August 17, 1992
Dear Adoption, today I turned fifteen and being a teenager is weird. I’m the Vice President of the Asian American Club and have lots of Asian friends but none who are adopted. My parents tried to send me to a sleep away Korean Camp in the woods. We had pen pals before we arrived and mine said she did her tattoo by herself: the word Korea with one letter for each finger. We didn’t want to sit in a circle and talk about our feelings so we called her boyfriend from a pay phone and tried to get him to pick us up. He is 22! He wouldn’t come get us so she said we should go find some tea. What she meant was marijuana and I got scared. I called my parents and got to go home and wake up in my safe, sunny bedroom and my grandmother made me breakfast. I don’t like talking about you in therapy either because what’s the point? You’re not important.
August 17, 1997
Dear Adoption, I’m twenty. Someone asks what time I was born but I don’t know. I have to explain why my parents are white because I don’t live in my small town anymore where everyone knows each other. Rutgers is a big school and I don’t want to join the Asian group. They ask why I don’t speak Korean and talk about getting their hair cut by Asian people and getting plastic surgery. Tonight we had a party and my roommate bought Boone’s wine coolers, including my favorite one: Fuzzy Navel. She’s Taiwanese and got them with her older sister’s ID because the guy at the store thinks all Asian girls look the same. K, the guy I like, came to the party but he brought his white girlfriend. When I was buzzed she asked what it was like to be adopted. I still don’t like this question.

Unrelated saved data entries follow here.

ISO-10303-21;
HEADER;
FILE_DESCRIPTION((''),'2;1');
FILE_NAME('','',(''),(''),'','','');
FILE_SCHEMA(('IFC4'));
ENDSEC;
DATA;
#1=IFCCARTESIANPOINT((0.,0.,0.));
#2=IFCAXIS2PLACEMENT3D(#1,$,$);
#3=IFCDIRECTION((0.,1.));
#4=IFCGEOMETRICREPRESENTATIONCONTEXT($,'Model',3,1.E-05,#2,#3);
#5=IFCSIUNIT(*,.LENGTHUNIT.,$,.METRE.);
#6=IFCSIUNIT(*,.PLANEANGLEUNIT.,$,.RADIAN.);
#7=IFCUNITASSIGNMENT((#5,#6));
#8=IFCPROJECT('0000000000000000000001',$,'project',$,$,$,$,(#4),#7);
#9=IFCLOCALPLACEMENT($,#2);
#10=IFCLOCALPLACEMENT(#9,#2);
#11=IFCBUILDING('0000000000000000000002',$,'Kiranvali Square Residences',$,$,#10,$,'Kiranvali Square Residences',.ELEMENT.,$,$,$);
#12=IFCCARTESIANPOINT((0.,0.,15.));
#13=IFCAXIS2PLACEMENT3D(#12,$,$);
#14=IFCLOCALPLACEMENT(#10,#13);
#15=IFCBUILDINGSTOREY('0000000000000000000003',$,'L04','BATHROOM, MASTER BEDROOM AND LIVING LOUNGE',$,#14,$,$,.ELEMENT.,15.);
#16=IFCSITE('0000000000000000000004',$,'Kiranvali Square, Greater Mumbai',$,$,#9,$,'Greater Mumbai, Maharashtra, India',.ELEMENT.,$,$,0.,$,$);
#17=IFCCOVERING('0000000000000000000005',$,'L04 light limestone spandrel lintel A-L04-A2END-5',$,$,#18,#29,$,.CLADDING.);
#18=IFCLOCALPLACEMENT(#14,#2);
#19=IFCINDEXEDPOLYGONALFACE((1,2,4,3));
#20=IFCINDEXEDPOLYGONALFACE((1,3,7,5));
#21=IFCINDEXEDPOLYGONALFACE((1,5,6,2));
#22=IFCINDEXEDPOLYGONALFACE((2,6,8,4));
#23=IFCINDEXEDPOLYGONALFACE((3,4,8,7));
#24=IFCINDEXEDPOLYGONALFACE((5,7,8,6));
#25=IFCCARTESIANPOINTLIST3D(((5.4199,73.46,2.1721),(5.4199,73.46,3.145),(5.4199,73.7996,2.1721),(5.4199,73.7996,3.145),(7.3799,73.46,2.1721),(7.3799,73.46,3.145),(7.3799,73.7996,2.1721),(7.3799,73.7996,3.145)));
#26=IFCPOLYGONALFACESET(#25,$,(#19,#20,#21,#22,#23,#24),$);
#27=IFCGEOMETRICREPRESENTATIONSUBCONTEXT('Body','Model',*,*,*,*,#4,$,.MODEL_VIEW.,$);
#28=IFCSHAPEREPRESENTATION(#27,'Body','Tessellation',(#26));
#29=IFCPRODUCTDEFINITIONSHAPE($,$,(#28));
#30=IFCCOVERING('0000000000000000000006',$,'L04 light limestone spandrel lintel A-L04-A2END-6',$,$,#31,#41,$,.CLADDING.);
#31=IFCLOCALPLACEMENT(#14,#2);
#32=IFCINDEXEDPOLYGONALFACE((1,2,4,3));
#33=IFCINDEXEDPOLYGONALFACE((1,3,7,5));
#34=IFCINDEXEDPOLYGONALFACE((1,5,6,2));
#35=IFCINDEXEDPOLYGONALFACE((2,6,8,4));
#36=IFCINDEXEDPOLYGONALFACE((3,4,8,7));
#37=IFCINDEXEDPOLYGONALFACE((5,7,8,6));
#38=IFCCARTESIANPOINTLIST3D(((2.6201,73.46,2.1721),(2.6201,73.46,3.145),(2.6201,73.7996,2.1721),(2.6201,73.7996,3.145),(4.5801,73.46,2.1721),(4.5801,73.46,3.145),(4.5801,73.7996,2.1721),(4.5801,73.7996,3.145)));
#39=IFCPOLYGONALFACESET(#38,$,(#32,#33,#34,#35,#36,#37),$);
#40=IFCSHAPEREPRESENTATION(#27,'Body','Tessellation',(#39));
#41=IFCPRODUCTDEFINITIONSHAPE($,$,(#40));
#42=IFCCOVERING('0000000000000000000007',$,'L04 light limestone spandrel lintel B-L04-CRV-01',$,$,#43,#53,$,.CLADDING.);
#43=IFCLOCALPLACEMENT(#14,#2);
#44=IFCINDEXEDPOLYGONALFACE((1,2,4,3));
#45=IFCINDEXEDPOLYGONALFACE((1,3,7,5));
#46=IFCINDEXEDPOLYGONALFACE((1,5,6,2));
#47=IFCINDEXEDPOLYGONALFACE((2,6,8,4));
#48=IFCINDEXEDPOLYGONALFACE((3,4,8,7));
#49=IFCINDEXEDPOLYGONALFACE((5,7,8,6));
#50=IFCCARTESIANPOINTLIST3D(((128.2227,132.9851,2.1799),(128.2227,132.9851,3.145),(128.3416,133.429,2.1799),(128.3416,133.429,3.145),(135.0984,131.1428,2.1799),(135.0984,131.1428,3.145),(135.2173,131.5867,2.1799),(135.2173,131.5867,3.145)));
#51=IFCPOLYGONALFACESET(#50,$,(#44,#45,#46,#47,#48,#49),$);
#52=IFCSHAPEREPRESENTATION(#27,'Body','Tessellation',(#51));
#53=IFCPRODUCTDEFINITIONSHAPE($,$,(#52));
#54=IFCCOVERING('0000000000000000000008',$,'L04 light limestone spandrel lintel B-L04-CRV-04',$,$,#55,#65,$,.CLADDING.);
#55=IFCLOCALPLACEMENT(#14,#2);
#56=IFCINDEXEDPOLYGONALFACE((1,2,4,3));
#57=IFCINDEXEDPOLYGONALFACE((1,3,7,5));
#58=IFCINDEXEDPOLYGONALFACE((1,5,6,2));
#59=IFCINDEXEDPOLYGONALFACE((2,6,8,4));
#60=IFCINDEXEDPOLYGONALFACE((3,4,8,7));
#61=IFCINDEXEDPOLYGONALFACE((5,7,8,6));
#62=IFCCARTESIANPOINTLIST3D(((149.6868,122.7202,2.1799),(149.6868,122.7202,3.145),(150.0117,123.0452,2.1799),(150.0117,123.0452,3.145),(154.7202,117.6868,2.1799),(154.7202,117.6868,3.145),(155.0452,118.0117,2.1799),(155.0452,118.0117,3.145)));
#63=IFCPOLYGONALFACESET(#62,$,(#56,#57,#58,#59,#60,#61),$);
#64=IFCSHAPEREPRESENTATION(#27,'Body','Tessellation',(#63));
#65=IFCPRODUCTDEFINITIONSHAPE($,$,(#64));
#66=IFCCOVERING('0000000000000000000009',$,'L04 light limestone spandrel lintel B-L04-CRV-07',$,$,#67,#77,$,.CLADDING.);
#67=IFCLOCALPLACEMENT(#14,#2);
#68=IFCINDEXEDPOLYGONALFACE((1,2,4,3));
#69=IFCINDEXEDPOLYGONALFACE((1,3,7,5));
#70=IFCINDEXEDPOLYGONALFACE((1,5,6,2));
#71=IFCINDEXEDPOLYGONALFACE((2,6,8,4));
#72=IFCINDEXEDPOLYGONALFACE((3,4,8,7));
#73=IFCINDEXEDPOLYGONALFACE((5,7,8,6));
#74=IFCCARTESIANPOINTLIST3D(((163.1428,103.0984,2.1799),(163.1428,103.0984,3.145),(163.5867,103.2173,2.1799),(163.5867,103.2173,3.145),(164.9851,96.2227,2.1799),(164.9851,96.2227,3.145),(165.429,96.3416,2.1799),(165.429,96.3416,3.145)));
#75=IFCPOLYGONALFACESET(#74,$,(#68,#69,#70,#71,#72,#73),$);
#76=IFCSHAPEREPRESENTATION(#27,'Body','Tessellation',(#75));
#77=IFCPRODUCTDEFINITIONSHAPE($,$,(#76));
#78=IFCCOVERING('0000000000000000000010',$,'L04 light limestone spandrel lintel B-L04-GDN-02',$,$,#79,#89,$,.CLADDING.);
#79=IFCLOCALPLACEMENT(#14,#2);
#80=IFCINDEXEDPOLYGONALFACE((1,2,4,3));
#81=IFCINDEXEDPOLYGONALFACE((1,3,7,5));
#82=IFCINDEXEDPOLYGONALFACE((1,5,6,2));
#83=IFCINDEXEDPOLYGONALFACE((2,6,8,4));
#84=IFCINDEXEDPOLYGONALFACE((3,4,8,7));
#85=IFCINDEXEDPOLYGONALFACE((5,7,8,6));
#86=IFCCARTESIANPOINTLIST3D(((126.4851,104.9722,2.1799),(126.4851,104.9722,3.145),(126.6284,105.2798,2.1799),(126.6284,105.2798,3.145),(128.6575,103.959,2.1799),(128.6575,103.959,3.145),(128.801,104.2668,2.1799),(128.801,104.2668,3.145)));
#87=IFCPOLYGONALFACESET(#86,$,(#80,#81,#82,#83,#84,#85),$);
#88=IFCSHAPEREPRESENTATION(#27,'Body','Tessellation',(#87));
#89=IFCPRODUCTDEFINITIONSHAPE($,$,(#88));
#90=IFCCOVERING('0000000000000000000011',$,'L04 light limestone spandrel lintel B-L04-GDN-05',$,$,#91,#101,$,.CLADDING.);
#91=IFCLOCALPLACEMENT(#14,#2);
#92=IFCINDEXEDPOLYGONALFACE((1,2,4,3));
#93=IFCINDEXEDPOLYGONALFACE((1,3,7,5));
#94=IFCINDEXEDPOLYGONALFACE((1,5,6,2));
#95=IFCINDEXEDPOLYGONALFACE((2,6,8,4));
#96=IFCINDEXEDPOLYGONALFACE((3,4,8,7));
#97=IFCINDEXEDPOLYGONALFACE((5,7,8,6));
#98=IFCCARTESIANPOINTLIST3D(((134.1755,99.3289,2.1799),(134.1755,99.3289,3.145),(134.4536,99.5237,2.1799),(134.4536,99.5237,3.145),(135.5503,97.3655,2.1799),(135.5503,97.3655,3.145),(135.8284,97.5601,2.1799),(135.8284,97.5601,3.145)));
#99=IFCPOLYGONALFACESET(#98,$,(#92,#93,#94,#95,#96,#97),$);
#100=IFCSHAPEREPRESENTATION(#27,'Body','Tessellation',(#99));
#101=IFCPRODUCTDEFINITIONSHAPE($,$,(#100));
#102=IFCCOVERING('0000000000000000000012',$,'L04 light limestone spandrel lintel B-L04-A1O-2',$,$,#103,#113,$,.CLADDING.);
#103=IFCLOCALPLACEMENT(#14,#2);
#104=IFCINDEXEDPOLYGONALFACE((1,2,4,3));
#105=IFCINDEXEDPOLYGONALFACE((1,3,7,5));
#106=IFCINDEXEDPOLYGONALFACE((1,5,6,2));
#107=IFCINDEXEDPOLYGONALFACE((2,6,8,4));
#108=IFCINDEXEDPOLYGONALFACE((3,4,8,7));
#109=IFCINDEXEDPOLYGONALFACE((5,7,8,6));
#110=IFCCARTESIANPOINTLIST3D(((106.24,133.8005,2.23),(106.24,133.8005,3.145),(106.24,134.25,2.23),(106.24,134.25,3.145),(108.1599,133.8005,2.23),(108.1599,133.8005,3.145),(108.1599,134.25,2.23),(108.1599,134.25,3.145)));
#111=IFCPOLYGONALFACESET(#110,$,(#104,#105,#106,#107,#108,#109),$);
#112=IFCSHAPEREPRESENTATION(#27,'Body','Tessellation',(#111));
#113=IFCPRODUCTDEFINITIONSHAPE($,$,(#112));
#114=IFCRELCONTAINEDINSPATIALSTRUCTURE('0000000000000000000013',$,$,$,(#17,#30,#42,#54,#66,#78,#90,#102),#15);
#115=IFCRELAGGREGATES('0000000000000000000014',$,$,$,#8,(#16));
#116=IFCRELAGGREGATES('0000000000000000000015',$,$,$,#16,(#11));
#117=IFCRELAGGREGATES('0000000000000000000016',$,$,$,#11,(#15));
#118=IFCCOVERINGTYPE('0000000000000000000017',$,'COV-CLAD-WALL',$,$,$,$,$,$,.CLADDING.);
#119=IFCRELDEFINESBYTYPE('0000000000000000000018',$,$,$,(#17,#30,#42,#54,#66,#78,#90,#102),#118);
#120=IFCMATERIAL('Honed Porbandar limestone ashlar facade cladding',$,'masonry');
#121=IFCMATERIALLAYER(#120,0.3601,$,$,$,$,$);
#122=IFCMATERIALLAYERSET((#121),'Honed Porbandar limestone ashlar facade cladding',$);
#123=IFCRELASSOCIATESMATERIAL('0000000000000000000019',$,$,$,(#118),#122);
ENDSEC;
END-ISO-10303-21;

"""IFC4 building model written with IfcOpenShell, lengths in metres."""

from ifc_helpers import new_model, si_unit, direction, frame, origin, place, context, subcontext, project, spatial, polyline, outline, extrude, material, layer, layer_set, type_object, element, save


model = new_model("IFC4")

# Units and contexts
model_context = context("Model", 3, precision=1e-05, world=origin(), true_north=direction((0.0, 1.0)))
body_context = subcontext(model_context, "Body", "Model", "MODEL_VIEW")
ifc_project = project(units=[si_unit("LENGTHUNIT", "METRE"), si_unit("PLANEANGLEUNIT", "RADIAN")], contexts=[model_context])

# Site, building, storey
site_placement = place(None, origin())
site = spatial("IfcSite", under=ifc_project, at=site_placement, Name="Kiranvali Square, Greater Mumbai", LongName="Greater Mumbai, Maharashtra, India", CompositionType="ELEMENT", RefElevation=0.0)
building_placement = place(site_placement, origin())
building = spatial("IfcBuilding", under=site, at=building_placement, Name="Kiranvali Square Residences", LongName="Kiranvali Square Residences", CompositionType="ELEMENT")
storey_placement = place(building_placement, frame((0.0, 0.0, 15.0)))
storey = spatial("IfcBuildingStorey", under=building, at=storey_placement, Name="L04", Description="BATHROOM, MASTER BEDROOM AND LIVING LOUNGE", CompositionType="ELEMENT", Elevation=15.0)

# Coverings
ifc_material = material(Name="Honed Porbandar limestone ashlar facade cladding", Category="masonry")
ifc_layer = layer(ifc_material, 0.3601)
ifc_layer_set = layer_set([ifc_layer], Name="Honed Porbandar limestone ashlar facade cladding")
covering_type = type_object("IfcCoveringType", Name="COV-CLAD-WALL", PredefinedType="CLADDING", material=ifc_layer_set)
covering_1_placement = place(storey_placement, frame((0.0, 0.0, 2.1721)))
element("IfcCovering", 1, at=covering_1_placement, inside=storey, type_object=covering_type, Name="L04 light limestone spandrel lintel A-L04-A2END-5", PredefinedType="CLADDING", context=body_context, shape_type="SweptSolid", body=[
    extrude(outline(polyline([(7.3799, 73.7996), (5.4199, 73.7996), (5.4199, 73.46), (7.3799, 73.46), (7.3799, 73.7996)])), origin(), (0.0, 0.0, 1.0), 0.9729),
])
covering_2_placement = place(storey_placement, frame((0.0, 0.0, 2.1721)))
element("IfcCovering", 2, at=covering_2_placement, inside=storey, type_object=covering_type, Name="L04 light limestone spandrel lintel A-L04-A2END-6", PredefinedType="CLADDING", context=body_context, shape_type="SweptSolid", body=[
    extrude(outline(polyline([(4.5801, 73.7996), (2.6201, 73.7996), (2.6201, 73.46), (4.5801, 73.46), (4.5801, 73.7996)])), origin(), (0.0, 0.0, 1.0), 0.9729),
])
covering_3_placement = place(storey_placement, frame((0.0, 0.0, 2.1799)))
element("IfcCovering", 3, at=covering_3_placement, inside=storey, type_object=covering_type, Name="L04 light limestone spandrel lintel B-L04-CRV-01", PredefinedType="CLADDING", context=body_context, shape_type="SweptSolid", body=[
    extrude(outline(polyline([(128.2227, 132.9851), (135.0984, 131.1428), (135.2173, 131.5867), (128.3416, 133.429), (128.2227, 132.9851)])), origin(), (0.0, 0.0, 1.0), 0.9651),
])
covering_4_placement = place(storey_placement, frame((0.0, 0.0, 2.1799)))
element("IfcCovering", 4, at=covering_4_placement, inside=storey, type_object=covering_type, Name="L04 light limestone spandrel lintel B-L04-CRV-04", PredefinedType="CLADDING", context=body_context, shape_type="SweptSolid", body=[
    extrude(outline(polyline([(149.6868, 122.7202), (154.7202, 117.6868), (155.0452, 118.0117), (150.0117, 123.0452), (149.6868, 122.7202)])), origin(), (0.0, 0.0, 1.0), 0.9651),
])
covering_5_placement = place(storey_placement, frame((0.0, 0.0, 2.1799)))
element("IfcCovering", 5, at=covering_5_placement, inside=storey, type_object=covering_type, Name="L04 light limestone spandrel lintel B-L04-CRV-07", PredefinedType="CLADDING", context=body_context, shape_type="SweptSolid", body=[
    extrude(outline(polyline([(163.1428, 103.0984), (164.9851, 96.2227), (165.429, 96.3416), (163.5867, 103.2173), (163.1428, 103.0984)])), origin(), (0.0, 0.0, 1.0), 0.9651),
])
covering_6_placement = place(storey_placement, frame((0.0, 0.0, 2.1799)))
element("IfcCovering", 6, at=covering_6_placement, inside=storey, type_object=covering_type, Name="L04 light limestone spandrel lintel B-L04-GDN-02", PredefinedType="CLADDING", context=body_context, shape_type="SweptSolid", body=[
    extrude(outline(polyline([(126.4851, 104.9722), (128.6575, 103.959), (128.801, 104.2668), (126.6284, 105.2798), (126.4851, 104.9722)])), origin(), (0.0, 0.0, 1.0), 0.9651),
])
covering_7_placement = place(storey_placement, frame((0.0, 0.0, 2.1799)))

I thought she was making fun of me so I walked away.
August 17, 2003
Dear Adoption, how am I twenty-six already? I cried today more than I ever have. K and I are married and he’s in school so I told him to save money and not do anything for my birthday this year. I guess it was that kind of girly request that you don’t really mean because when he really did nothing I started sobbing. I don’t know where it came from but I felt totally worthless. The cat climbed into my lap, snuggled in and tried purring comfortingly but I said my birth mother must’ve thrown me away like garbage. I don’t know why you’re bothering me so much this year. I never thought you were anything before. You were a fleeting thought that always went away quickly.